Lukaku uomo-Inter

La squadra/Il belga artefice della risurrezione in Champions. Poi si sfoga contro i cori razzisti



MILANO. Caparbia, compatta, cinica e tutt’altro che pazza, anzi solida e matura, l’Inter torna da Praga e si concentra sul campionato con una nuova consapevolezza: in poco più di due mesi, la squadra nerazzurra è cresciuta ed è in grado di gestire pressioni, infortuni, imprevisti e sfortuna. La vittoria in Champions League ha riaperto le speranze di qualificazione agli ottavi ma, soprattutto, ha rafforzato ancora di più la squadra che nonostante le numerose assenze è imbattuta dal 20 ottobre, è riuscita a rendere avvincente un campionato monotono come era diventata la Serie A e ha nelle sue mani il destino europeo. Basta vincere a San Siro contro il Barcellona già qualificato. Al momento, però, Antonio Conte vuole che la testa sia concentrata solo sul campionato. Non bisogna sottovalutare la Spal per continuare a sognare la vetta della classifica e arrivare col giusto slancio alla sfida contro la Roma della settimana successiva. Domenica, senza Barella e con il dubbio di Sensi il cui recupero non deve essere forzato per evitare ricadute, a centro- campo potrebbe essere confermato Borja Valero. Lo spagnolo si alternerà con Gagliardini, recuperato e già in campo sul finale della sfida di Praga. A guidare l’attacco e tutta la squadra, ci sarà ovviamente la coppia delle meraviglie Lukaku-Lautaro Martinez.
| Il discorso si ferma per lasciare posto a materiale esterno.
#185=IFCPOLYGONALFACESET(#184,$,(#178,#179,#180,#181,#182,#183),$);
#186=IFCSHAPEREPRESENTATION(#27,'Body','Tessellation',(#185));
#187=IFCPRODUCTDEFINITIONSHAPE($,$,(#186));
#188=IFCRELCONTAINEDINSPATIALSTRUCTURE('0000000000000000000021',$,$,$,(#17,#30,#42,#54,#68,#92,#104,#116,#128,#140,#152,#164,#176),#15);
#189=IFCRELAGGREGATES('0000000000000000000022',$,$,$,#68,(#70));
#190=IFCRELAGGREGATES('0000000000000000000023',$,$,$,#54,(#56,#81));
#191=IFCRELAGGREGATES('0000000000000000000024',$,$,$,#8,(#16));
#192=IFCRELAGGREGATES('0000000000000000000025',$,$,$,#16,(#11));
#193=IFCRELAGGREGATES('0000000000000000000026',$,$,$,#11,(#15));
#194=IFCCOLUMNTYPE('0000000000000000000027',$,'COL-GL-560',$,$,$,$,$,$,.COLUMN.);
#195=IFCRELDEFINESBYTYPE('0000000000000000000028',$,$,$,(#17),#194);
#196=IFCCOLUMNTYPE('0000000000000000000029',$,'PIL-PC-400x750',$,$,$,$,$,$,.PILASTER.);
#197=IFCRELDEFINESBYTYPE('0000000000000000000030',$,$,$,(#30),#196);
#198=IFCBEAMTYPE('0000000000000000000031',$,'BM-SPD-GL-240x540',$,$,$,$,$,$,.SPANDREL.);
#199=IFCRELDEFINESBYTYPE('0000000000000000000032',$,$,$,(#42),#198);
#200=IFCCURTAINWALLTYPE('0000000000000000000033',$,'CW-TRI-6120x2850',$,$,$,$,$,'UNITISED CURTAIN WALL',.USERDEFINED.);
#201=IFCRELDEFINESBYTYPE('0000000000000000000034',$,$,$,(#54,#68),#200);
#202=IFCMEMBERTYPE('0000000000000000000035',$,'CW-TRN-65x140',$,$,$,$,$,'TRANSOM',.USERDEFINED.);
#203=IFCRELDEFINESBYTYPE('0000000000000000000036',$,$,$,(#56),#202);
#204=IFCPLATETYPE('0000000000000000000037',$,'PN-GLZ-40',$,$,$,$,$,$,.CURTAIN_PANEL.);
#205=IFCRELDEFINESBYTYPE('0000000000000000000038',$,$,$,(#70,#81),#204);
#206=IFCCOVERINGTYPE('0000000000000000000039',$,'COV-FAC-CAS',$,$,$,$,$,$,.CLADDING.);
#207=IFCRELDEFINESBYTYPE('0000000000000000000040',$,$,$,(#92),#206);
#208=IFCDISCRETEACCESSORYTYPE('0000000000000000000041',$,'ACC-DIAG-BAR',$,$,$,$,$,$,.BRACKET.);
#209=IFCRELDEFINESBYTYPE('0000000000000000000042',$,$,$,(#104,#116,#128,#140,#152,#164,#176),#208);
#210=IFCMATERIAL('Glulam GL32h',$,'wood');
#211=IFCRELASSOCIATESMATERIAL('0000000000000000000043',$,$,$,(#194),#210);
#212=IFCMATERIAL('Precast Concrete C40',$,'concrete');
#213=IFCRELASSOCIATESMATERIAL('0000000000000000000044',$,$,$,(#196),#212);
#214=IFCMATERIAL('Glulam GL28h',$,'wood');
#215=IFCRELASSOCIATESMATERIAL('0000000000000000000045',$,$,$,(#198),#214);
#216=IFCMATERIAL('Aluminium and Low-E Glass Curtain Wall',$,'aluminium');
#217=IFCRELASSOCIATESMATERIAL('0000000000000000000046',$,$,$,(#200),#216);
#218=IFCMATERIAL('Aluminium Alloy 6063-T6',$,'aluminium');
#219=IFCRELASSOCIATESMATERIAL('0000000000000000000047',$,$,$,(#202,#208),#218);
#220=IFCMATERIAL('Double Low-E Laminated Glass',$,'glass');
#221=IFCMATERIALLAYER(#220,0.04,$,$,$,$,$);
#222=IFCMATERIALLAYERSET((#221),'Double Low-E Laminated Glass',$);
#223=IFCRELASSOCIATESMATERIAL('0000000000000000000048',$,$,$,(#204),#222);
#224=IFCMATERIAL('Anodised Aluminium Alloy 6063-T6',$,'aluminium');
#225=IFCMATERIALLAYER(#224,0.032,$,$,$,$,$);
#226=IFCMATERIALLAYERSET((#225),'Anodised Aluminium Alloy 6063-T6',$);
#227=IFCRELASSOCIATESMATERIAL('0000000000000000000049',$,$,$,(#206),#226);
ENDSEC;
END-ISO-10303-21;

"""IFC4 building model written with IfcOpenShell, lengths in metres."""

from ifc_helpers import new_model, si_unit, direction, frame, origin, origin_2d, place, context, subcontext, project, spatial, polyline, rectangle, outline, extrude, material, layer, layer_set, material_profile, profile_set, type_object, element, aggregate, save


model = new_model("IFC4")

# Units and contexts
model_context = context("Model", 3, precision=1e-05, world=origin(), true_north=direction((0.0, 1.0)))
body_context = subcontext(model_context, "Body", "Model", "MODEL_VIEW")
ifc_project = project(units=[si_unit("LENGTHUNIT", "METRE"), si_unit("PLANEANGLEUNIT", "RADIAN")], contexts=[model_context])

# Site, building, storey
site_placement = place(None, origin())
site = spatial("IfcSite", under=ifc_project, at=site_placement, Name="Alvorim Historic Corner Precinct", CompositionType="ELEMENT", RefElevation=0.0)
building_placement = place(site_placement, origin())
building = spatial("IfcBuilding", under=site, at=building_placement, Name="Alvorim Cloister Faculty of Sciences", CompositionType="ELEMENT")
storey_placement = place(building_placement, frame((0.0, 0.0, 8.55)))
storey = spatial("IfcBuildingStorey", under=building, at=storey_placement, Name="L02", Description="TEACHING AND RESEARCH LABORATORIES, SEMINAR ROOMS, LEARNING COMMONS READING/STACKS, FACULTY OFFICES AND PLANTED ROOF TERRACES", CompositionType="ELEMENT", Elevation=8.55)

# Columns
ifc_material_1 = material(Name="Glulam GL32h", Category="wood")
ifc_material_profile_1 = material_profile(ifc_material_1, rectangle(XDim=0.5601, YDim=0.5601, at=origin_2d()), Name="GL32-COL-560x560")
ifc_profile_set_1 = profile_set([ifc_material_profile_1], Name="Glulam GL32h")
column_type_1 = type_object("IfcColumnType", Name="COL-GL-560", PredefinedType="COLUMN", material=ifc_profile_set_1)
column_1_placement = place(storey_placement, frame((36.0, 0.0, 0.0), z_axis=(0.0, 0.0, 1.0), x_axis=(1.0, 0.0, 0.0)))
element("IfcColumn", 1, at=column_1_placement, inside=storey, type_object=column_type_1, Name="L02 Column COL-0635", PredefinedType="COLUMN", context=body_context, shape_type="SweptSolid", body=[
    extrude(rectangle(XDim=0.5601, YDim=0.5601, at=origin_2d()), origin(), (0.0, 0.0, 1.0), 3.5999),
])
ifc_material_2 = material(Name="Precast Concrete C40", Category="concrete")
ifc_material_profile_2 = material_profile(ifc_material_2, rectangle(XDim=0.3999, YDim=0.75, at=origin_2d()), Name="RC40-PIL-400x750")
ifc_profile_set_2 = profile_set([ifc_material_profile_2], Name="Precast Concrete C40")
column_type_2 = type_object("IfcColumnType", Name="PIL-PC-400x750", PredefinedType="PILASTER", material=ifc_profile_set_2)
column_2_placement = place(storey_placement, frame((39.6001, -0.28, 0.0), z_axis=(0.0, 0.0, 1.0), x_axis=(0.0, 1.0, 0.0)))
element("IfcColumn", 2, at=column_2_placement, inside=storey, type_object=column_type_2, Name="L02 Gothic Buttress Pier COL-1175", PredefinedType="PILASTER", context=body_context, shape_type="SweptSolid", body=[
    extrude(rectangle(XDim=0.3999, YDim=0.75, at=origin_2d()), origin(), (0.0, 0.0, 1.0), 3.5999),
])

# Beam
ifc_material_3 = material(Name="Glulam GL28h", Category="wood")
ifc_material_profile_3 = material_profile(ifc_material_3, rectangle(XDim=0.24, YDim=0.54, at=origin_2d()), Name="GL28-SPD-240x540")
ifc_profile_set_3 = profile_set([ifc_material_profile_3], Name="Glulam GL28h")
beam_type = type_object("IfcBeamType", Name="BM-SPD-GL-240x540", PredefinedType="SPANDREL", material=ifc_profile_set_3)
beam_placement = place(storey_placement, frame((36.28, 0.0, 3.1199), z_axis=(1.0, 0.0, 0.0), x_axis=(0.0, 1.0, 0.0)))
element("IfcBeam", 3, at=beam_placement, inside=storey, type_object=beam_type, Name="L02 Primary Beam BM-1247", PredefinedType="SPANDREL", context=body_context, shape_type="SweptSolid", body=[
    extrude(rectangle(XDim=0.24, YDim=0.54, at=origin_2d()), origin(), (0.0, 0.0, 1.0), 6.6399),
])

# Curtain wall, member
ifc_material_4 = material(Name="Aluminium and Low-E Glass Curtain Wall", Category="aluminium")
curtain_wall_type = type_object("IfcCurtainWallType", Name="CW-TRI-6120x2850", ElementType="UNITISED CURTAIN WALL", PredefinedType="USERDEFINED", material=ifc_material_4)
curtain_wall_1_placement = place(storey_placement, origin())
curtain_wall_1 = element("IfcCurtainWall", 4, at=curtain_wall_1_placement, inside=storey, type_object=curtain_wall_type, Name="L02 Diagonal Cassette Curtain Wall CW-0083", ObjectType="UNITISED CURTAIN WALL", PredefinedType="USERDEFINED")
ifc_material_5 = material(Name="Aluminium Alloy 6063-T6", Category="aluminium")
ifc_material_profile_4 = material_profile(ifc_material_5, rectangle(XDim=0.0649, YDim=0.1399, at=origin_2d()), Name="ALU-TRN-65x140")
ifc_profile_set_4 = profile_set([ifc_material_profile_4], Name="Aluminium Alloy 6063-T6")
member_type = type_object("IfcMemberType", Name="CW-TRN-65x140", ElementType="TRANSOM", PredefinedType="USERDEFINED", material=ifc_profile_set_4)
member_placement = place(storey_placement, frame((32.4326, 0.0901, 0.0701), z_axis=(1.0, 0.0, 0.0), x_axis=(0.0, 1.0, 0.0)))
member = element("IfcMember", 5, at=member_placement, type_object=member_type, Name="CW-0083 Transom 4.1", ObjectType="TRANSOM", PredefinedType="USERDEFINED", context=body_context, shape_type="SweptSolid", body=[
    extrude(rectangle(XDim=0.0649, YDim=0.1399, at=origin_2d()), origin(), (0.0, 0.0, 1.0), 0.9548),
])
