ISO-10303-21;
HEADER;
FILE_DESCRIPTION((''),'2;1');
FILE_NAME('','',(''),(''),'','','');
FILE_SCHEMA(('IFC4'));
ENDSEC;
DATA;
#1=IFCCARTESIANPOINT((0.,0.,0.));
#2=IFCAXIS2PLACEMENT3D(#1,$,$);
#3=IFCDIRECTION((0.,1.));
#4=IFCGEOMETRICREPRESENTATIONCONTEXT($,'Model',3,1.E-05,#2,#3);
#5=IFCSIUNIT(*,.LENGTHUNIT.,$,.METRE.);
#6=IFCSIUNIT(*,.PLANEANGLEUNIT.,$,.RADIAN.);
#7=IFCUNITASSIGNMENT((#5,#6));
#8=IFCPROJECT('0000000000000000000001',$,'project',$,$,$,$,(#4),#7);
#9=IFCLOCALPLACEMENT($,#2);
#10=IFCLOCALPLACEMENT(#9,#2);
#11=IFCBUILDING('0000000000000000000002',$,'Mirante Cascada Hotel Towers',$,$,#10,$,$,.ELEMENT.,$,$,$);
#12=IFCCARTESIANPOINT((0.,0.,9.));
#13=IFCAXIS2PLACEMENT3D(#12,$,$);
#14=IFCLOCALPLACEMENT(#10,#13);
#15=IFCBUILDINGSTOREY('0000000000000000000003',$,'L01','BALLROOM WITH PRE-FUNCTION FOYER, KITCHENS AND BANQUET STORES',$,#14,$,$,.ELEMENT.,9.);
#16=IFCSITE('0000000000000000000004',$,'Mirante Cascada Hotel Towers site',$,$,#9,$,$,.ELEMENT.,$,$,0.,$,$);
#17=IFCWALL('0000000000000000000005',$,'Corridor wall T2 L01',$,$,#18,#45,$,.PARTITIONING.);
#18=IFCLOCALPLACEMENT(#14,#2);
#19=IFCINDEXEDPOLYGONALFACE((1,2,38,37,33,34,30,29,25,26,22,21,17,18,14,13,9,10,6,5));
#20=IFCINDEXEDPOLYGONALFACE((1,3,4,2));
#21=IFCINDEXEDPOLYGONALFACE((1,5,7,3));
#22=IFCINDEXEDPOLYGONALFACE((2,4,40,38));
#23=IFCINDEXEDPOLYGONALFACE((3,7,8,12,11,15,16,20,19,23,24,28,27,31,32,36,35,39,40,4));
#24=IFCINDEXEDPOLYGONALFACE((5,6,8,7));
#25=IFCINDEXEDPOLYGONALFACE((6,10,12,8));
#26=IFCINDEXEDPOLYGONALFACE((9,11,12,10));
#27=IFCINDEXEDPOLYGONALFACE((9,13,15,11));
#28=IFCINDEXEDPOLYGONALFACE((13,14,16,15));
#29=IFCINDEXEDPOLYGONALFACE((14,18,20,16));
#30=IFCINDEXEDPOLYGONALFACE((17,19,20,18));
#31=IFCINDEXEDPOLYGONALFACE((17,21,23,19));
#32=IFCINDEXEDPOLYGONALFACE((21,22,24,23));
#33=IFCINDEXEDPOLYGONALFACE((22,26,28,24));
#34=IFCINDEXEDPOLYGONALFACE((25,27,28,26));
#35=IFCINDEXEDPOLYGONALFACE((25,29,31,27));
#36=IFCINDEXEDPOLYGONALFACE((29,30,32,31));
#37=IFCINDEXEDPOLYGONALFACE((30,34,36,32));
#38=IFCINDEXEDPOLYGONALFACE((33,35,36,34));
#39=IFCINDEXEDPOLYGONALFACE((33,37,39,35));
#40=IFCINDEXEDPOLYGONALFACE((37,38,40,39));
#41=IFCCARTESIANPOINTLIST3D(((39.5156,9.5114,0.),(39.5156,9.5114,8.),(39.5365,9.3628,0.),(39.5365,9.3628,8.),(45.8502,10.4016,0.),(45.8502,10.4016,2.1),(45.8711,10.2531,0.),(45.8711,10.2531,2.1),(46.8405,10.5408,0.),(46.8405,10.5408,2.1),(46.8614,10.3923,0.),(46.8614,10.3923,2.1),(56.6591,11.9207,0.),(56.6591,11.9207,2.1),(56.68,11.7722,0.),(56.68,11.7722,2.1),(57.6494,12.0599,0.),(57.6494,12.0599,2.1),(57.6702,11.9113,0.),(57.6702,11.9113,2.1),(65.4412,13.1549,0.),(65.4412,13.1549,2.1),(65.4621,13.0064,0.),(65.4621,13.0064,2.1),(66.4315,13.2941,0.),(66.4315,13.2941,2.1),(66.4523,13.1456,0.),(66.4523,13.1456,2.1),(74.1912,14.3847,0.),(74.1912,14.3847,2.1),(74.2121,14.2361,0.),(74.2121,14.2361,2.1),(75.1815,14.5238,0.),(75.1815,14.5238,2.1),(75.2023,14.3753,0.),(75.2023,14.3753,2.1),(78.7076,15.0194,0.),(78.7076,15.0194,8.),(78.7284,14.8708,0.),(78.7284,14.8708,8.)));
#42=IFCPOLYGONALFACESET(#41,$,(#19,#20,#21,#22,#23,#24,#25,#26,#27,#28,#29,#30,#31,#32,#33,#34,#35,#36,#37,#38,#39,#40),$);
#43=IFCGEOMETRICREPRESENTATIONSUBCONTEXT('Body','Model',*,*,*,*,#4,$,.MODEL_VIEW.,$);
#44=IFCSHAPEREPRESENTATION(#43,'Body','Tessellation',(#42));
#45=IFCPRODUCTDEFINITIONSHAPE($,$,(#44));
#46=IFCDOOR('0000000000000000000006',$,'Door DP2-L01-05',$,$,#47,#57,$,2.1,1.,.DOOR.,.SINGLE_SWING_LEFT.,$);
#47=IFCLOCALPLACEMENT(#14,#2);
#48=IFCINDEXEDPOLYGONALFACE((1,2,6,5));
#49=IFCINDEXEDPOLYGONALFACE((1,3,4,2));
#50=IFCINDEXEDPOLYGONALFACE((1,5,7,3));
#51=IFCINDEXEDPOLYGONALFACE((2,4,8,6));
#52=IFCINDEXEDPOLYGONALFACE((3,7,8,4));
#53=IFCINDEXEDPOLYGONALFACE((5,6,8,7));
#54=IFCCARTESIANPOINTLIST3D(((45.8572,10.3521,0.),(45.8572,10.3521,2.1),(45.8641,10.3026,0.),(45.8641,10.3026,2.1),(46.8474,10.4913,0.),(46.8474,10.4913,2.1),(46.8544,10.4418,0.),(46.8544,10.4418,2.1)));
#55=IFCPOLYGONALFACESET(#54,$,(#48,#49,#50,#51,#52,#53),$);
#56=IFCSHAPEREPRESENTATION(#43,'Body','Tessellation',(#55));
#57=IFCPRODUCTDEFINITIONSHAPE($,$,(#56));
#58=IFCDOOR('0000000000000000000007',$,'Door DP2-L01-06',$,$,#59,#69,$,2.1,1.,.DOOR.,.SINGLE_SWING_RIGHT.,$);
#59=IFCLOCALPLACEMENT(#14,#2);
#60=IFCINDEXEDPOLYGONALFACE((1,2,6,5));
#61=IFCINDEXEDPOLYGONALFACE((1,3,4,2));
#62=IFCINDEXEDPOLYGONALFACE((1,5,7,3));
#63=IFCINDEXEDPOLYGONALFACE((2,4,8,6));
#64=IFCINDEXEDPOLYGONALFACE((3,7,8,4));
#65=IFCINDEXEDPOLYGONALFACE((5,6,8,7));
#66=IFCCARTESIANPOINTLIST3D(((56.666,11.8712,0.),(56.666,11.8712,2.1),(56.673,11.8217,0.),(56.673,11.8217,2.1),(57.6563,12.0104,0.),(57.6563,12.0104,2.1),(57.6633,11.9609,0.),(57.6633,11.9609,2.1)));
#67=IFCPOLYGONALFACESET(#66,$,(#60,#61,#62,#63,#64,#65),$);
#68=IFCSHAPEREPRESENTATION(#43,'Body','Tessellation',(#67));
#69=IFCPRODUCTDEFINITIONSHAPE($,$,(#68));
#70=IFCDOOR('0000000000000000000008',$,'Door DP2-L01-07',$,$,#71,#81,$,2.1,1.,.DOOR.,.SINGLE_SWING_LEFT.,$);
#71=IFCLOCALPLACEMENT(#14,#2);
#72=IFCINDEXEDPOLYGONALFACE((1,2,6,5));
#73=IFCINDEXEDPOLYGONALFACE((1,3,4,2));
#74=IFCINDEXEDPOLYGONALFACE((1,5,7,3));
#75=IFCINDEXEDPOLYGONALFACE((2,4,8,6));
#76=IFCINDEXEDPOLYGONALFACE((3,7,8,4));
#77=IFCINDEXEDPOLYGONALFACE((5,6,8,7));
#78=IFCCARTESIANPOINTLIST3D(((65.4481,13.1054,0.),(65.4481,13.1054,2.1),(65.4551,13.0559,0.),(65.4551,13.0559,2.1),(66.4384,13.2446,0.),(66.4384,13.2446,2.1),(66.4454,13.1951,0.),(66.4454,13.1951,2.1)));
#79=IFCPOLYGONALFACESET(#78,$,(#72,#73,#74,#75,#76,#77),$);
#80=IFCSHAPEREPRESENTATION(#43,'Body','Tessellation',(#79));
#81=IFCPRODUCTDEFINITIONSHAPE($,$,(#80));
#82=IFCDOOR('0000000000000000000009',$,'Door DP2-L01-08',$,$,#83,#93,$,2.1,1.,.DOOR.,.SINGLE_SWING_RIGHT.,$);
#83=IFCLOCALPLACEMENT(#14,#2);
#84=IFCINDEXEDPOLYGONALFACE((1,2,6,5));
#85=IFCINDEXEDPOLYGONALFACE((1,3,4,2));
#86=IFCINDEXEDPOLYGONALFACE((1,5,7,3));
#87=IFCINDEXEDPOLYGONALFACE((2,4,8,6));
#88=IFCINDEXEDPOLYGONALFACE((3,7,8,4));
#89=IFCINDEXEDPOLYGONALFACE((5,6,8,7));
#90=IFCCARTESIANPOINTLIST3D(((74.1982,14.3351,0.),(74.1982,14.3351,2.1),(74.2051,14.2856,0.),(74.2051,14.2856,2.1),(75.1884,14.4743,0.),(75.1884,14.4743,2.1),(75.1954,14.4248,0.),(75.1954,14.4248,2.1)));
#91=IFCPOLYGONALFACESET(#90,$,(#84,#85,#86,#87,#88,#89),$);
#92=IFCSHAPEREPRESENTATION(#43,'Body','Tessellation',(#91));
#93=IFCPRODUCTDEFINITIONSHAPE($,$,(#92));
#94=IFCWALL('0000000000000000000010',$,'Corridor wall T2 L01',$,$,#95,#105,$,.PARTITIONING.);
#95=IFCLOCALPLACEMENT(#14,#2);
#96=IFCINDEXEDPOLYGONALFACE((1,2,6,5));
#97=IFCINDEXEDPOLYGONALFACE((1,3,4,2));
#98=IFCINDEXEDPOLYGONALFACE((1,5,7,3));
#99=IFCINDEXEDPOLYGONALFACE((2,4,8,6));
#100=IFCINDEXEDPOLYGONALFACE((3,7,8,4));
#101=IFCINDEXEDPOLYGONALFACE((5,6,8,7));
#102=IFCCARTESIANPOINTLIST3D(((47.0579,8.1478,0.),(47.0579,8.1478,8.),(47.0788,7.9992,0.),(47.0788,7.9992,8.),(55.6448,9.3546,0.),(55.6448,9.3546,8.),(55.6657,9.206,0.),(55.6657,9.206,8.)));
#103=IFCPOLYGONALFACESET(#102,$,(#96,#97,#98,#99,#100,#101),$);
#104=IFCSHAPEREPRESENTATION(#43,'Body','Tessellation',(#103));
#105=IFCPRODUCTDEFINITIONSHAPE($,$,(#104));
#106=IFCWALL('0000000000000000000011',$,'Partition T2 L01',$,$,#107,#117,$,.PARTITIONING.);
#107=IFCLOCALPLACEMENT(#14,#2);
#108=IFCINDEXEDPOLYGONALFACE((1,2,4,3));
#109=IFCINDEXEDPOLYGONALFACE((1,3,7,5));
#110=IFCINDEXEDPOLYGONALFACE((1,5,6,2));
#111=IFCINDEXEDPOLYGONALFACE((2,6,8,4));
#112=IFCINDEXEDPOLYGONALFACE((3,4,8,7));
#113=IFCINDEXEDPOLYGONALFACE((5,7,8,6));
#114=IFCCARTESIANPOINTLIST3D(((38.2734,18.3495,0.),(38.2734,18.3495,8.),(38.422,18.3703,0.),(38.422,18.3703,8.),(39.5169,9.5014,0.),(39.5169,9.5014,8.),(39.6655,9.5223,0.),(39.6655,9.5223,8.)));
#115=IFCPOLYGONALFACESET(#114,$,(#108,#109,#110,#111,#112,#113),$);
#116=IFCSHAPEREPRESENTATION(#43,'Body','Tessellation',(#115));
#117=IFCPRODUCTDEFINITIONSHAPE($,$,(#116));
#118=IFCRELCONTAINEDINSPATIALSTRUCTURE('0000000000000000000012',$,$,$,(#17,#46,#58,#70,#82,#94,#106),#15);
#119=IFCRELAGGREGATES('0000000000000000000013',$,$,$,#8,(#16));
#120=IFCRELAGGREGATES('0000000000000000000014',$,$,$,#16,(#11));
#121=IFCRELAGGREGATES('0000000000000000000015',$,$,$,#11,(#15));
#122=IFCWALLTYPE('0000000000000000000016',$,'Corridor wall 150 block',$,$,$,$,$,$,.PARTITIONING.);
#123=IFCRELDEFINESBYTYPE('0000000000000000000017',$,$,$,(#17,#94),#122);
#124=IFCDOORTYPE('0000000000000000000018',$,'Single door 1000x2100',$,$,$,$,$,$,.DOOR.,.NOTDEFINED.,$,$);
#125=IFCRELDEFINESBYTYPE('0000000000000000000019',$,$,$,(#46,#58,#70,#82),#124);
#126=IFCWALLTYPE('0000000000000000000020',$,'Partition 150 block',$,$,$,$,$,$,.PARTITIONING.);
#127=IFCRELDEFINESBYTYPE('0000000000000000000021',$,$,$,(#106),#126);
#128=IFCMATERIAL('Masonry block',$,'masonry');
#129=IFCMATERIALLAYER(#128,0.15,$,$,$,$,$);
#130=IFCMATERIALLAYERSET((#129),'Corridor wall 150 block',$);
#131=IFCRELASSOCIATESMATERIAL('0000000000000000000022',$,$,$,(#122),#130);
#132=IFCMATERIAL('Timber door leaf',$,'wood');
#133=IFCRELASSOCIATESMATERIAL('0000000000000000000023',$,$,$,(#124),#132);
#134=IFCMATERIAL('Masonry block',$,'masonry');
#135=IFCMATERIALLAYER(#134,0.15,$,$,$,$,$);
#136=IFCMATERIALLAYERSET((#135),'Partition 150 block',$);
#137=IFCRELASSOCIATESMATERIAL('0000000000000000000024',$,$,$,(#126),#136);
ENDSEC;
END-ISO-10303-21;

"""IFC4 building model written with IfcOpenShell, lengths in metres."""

from ifc_helpers import new_model, si_unit, direction, frame, frame_2d, origin, place, context, subcontext, project, spatial, rectangle, extrude, material, layer, layer_set, type_object, element, fill, save


model = new_model("IFC4")

# Units and contexts
model_context = context("Model", 3, precision=1e-05, world=origin(), true_north=direction((0.0, 1.0)))
body_context = subcontext(model_context, "Body", "Model", "MODEL_VIEW")
ifc_project = project(units=[si_unit("LENGTHUNIT", "METRE"), si_unit("PLANEANGLEUNIT", "RADIAN")], contexts=[model_context])

# Site, building, storey
site_placement = place(None, origin())
site = spatial("IfcSite", under=ifc_project, at=site_placement, Name="Mirante Cascada Hotel Towers site", CompositionType="ELEMENT", RefElevation=0.0)
building_placement = place(site_placement, origin())
building = spatial("IfcBuilding", under=site, at=building_placement, Name="Mirante Cascada Hotel Towers", CompositionType="ELEMENT")
storey_placement = place(building_placement, frame((0.0, 0.0, 9.0)))
storey = spatial("IfcBuildingStorey", under=building, at=storey_placement, Name="L01", Description="BALLROOM WITH PRE-FUNCTION FOYER, KITCHENS AND BANQUET STORES", CompositionType="ELEMENT", Elevation=9.0)

# Shared definitions
ifc_material_1 = material(Name="Masonry block", Category="masonry")
ifc_layer_1 = layer(ifc_material_1, 0.15)
ifc_layer_set_1 = layer_set([ifc_layer_1], Name="Corridor wall 150 block")
wall_type_1 = type_object("IfcWallType", Name="Corridor wall 150 block", PredefinedType="PARTITIONING", material=ifc_layer_set_1)
ifc_material_2 = material(Name="Timber door leaf", Category="wood")
door_type = type_object("IfcDoorType", Name="Single door 1000x2100", OperationType="NOTDEFINED", PredefinedType="DOOR", material=ifc_material_2)

# Wall, openings, doors
wall_1_placement = place(storey_placement, frame((39.526, 9.4371, 0.0), z_axis=(0.0, 0.0, 1.0), x_axis=(0.990268, 0.139172, 0.0)))
wall_1 = element("IfcWall", 1, at=wall_1_placement, inside=storey, type_object=wall_type_1, Name="Corridor wall T2 L01", PredefinedType="PARTITIONING", context=body_context, shape_type="SweptSolid", body=[
    extrude(rectangle(XDim=39.5771, YDim=0.15, at=frame_2d((19.7886, 0.0))), origin(), (0.0, 0.0, 1.0), 8.0),
])
opening_1_placement = place(wall_1_placement, frame((6.3969, 0.0, 0.0)))
opening_1 = element("IfcOpeningElement", 2, at=opening_1_placement, cuts=wall_1, PredefinedType="OPENING", context=body_context, shape_type="SweptSolid", body=[
    extrude(rectangle(XDim=1.0, YDim=2.1, at=frame_2d((0.5, 1.05))), frame((0.0, 0.075, 0.0), z_axis=(0.0, -1.0, 0.0), x_axis=(1.0, 0.0, 0.0)), (0.0, 0.0, 1.0), 0.15),
])
opening_2_placement = place(wall_1_placement, frame((17.312, 0.0, 0.0)))
opening_2 = element("IfcOpeningElement", 3, at=opening_2_placement, cuts=wall_1, PredefinedType="OPENING", context=body_context, shape_type="SweptSolid", body=[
I due attaccanti hanno già realizzato undici gol a testa con la maglia dell’Inter, il 58% delle reti totali realizzate dalla squadra. Numeri che potrebbero anche sbriciolare i record di un’altra coppia storica come quella di Vieri e Recoba. L’argentino, come Skriniar, però dovrà stare attento alle ammonizioni perché, diffidato, rischia di saltare la sfida contro la Roma.

Accortezze che saranno un ulteriore segnale di maturità, già mostrata nella sfida di Praga. Contro lo Slavia, infatti, l’Inter è riuscita a non farsi sopraffare dalle emozioni e dagli eventi. Guidata dalla solidità di Lukaku che si è trasformato in uomo assist e si è confermato leader indiscusso. Non lo ha scalfito il gol annullato nel primo tempo, come neppure i cori razzisti che ha sentito in due occasioni durante la partita. Ha deciso di non esultare portandosi la mano alle orecchie, ma non si è scomposto e ha risposto nel migliore dei modi, decidendo la partita. ‘’L’ho detto l’ultima volta in cui ero con la Nazionale belga, la Uefa deve fare qualcosa per risolvere questo problema perché situazioni del genere in uno stadio non sono giuste. Oggi (ieri, ndr) mi è successo due volte e non va bene che accada alle persone. Siamo nel 2019, ci sono molti giocatori di diverse nazionalità nelle loro squadre e quando allo stadio vanno persone che per me si comportano in modo sbagliato loro rappresentano un esempio negativo per i bambini. Spero che la ora Uefa faccia qualcosa, perché tutto lo stadio si è comportato così dopo il primo gol di Lautaro e questo non è un bene per la gente che guarda la partita’‘. Un appello di un giocatore che sta diventando il simbolo di questa Inter, tosta e aggressiva. Pronta a scrivere pagine importanti, perché come dice sempre il suo allenatore Antonio Conte: ‘’L’Inter non deve solo partecipare’‘.